Before looking at the area of ​​a triangle…

Before looking at the area of ​​a triangle…

I said yesterday that the area of ​​a triangle is half the area of ​​a rectangle. I was also asking you to think about it. You will also think.

Before that we need to see a few things. There are four so-called fundamental geometrical forms in mathematics. They are, 1. Square, 2. Rectangle, 3. Triangle, 4. Circle.

A square is a shape with all four sides equal. Do fifty fifty biscuits come to mind when you think of square? Also, if it is a square, then the diagonals must be equal. If we ask whether there is a shape whose diagonals are not equal, all four sides are equal. Its name is rhombus. Don't be afraid that such a form suddenly emerges after saying that there are four basic geometrical forms. We are going to see about it very simply later.

A rectangle is a figure whose length and breadth are equal. When you think of rectangles, do you think of Milk Bikis biscuits? Also, if the rectangle is a rectangle, the diagonals must also be equal. Otherwise it will become parallelogram. Let's call it a slanted rectangle. Don't be afraid of new shape again. Let's see about this very simply later.

If you ask what you mean by this, when you say area, you have to consider the diagonals just as you have to consider the product of adjacent sides. We need to talk about it now because the diagonals will play an important role in calculating area in later forms. So now we have to be careful about area and diagonal as well as product of adjacent sides.

That's right. You have no confusion about the diagonal. Don't you know that a diagonal is the line that joins the corners of a shape?

Now come to the area of ​​the triangle, you say? Before that, let's see a little bit about the circle. Does circle make you think of Mary Biscuits? Let that be enough. If I talk more than this, you will not adjust me. Let's learn more in detail when we look at the circle. I don't stop your interest in finding the area of ​​the triangle any longer.

Would you believe that triangle is the biggest subject in mathematics? Trigonometry is a separate paper in the degree course. You wonder if there is a separate sheet for the samosa-like triangle.

A triangle is a figure enclosed by three sides, but there are many types. All three sides of a triangle may be equal if the sides are taken. Otherwise, only two sides can be equal. Otherwise, all three sides may be unequal. Right, so there are three types of opportunities?

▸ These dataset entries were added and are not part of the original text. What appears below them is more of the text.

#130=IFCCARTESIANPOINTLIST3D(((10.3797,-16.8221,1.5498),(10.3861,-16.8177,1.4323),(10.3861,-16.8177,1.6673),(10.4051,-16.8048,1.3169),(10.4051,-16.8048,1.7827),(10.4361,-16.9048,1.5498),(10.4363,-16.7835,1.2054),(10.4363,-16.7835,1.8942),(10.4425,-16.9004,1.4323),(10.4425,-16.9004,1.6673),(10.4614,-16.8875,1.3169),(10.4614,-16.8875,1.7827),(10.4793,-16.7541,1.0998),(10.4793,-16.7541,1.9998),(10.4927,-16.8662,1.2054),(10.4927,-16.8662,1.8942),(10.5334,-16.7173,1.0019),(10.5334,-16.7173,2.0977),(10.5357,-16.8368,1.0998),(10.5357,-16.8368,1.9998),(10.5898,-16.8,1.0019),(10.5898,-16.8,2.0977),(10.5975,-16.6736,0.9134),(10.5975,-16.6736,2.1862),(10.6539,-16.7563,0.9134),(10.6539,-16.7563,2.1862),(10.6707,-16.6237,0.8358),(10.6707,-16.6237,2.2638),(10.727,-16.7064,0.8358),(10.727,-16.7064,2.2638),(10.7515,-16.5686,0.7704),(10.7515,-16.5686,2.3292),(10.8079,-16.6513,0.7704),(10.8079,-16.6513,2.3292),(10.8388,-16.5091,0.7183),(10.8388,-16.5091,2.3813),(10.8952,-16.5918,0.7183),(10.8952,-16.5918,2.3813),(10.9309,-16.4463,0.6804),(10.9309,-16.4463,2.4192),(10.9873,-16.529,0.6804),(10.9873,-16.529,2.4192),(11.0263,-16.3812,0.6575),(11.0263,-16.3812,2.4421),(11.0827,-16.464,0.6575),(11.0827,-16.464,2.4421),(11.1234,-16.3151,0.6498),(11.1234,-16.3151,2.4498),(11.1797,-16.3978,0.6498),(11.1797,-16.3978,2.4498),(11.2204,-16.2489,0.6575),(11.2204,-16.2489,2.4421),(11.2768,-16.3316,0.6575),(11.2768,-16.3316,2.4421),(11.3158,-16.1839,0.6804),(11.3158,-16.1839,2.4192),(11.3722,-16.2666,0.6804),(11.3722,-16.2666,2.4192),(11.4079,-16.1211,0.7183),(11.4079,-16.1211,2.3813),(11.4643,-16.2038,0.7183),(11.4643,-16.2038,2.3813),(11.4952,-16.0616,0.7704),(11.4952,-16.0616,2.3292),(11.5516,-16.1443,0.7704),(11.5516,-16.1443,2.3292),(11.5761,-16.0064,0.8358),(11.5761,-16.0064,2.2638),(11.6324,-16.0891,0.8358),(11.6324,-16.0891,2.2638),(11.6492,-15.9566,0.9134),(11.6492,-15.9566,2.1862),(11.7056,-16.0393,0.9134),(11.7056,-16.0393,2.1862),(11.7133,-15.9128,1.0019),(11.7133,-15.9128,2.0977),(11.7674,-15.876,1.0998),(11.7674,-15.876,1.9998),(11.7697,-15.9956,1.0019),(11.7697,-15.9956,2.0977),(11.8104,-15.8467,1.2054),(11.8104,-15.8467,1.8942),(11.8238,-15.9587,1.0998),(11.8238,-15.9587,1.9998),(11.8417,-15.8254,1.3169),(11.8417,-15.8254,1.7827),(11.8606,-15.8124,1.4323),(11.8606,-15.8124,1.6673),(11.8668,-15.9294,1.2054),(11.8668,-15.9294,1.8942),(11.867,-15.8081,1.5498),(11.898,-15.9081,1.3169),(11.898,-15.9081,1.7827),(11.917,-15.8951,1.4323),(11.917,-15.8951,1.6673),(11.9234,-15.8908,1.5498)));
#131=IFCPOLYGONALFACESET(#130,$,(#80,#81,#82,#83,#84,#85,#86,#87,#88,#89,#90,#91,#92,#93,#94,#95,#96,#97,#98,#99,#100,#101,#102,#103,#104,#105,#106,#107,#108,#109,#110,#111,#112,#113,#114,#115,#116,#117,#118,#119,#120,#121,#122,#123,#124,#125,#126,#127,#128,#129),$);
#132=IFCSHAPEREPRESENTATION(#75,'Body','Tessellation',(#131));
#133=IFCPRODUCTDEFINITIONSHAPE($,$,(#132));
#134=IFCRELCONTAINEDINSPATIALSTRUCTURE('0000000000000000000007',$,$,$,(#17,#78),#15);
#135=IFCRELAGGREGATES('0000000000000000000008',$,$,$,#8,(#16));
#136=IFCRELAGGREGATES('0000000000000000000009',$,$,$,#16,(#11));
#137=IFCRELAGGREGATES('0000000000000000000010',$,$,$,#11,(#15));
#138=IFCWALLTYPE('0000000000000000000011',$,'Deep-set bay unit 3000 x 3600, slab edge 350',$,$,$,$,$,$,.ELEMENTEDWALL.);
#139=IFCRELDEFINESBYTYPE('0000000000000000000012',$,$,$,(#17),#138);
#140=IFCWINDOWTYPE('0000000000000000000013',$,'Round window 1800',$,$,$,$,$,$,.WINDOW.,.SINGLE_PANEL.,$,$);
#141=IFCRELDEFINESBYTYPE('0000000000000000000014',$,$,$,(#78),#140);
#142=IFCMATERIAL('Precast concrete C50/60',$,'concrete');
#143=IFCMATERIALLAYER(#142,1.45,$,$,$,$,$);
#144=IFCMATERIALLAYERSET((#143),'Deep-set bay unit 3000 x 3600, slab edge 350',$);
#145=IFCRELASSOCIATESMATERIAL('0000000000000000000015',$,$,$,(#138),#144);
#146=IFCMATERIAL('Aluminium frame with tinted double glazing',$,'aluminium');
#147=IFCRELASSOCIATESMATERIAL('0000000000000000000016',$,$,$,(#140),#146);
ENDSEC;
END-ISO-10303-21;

Thus, when viewed in terms of sides, if all three sides are equal, then the triangle is called an equilateral triangle. If only two sides are equal, it is called an isosceles triangle. If all three sides are unequal, it is called a scalene triangle.

These three types of triangles can be acute triangles, right-angled triangles or oblong-angled triangles based on the angles. What do you call the next classification? Is that it? If a triangle has three sides, must it have three angles? It is a classification based on how those three angles are formed.

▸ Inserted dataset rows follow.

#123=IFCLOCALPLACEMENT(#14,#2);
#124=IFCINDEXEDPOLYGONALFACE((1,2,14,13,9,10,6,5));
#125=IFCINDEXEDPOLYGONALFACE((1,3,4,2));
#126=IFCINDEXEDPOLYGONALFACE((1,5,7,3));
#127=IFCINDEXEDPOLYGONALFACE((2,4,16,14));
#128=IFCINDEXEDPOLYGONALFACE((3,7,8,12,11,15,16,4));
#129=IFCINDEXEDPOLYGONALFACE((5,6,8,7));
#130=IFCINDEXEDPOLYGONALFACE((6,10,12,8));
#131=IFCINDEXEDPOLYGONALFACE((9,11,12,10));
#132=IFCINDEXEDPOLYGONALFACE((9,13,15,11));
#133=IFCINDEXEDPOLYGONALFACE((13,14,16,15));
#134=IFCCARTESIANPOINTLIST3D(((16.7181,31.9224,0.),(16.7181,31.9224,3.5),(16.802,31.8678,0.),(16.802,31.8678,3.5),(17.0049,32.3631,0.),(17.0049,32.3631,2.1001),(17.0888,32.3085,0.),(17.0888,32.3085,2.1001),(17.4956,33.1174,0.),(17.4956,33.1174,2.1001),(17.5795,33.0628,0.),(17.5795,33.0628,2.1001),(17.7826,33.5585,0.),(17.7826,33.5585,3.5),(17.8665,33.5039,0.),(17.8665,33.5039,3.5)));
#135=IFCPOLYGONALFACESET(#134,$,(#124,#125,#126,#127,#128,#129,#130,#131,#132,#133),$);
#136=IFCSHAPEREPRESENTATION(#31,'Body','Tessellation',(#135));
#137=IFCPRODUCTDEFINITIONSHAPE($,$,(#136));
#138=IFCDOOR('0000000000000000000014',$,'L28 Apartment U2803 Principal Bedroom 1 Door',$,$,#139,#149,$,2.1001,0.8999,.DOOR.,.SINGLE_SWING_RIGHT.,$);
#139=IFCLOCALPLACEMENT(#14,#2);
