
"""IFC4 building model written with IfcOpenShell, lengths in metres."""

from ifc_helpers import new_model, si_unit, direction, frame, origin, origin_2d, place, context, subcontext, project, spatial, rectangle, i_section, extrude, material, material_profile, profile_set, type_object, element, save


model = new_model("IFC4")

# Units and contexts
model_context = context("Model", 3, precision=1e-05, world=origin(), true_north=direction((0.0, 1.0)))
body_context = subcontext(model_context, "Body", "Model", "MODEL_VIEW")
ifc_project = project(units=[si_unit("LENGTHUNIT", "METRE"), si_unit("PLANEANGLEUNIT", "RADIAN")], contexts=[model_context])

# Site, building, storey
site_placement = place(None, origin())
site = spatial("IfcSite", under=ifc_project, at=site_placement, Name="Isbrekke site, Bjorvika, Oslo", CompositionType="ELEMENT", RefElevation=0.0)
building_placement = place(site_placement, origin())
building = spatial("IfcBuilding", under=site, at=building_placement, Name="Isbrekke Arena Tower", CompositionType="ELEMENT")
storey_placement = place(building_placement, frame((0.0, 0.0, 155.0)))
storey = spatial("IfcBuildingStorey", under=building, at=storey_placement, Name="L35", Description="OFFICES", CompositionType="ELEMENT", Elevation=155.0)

Think for yourself. A triangle means that all three angles can be acute. Or it can be two acute angles and an obtuse angle. All three angles cannot be obtuse because there is a rule in mathematics that the sum of the three angles of a triangle must come to 180⁰. We will see if this rule is correct later. So two obtuse angles are not even possible in a triangle. Only one obtuse angle is possible in triangle.

Or alternatively a triangle may have one right angle and two acute angles. I need not explain why it is not possible for two right angles to form a triangle. Because the sum of the angles of a triangle must be within 180⁰. If there are two right angles then the sum of the two right angles will be 180⁰. There will be no chance of a third angle in a triangle. A triangle is possible only if there are three angles. Is it clear now?

Just as we classified triangles based on sides, we can now classify triangles based on angles.

A triangle is an acute triangle if all three angles are acute angles. If any angle is obtuse, then it is an obtuse triangle because an angle itself can be obtuse. Similarly, if any angle is a right angle, then it is a right triangle.

Equilateral triangles are acute triangles. Isosceles triangles can be acute triangles or right triangles or obtuse triangles. Scalene triangles can also be right-angled triangles or acute triangles or obtuse triangles.

So no matter how you draw or construct a triangle, it will either be an acute triangle, or a right triangle or an obtuse triangle. You cannot draw or construct any other type of triangle.

So don't be afraid that there are three types of area formulas for these three types of triangles. The formula for area is the same for all three types of triangles.

We are those who insist on testing any mathematical truth. So we have to see if the concept of half of the area of ​​the rectangle that we have said as the area of ​​the triangle is applicable to these three types of triangles.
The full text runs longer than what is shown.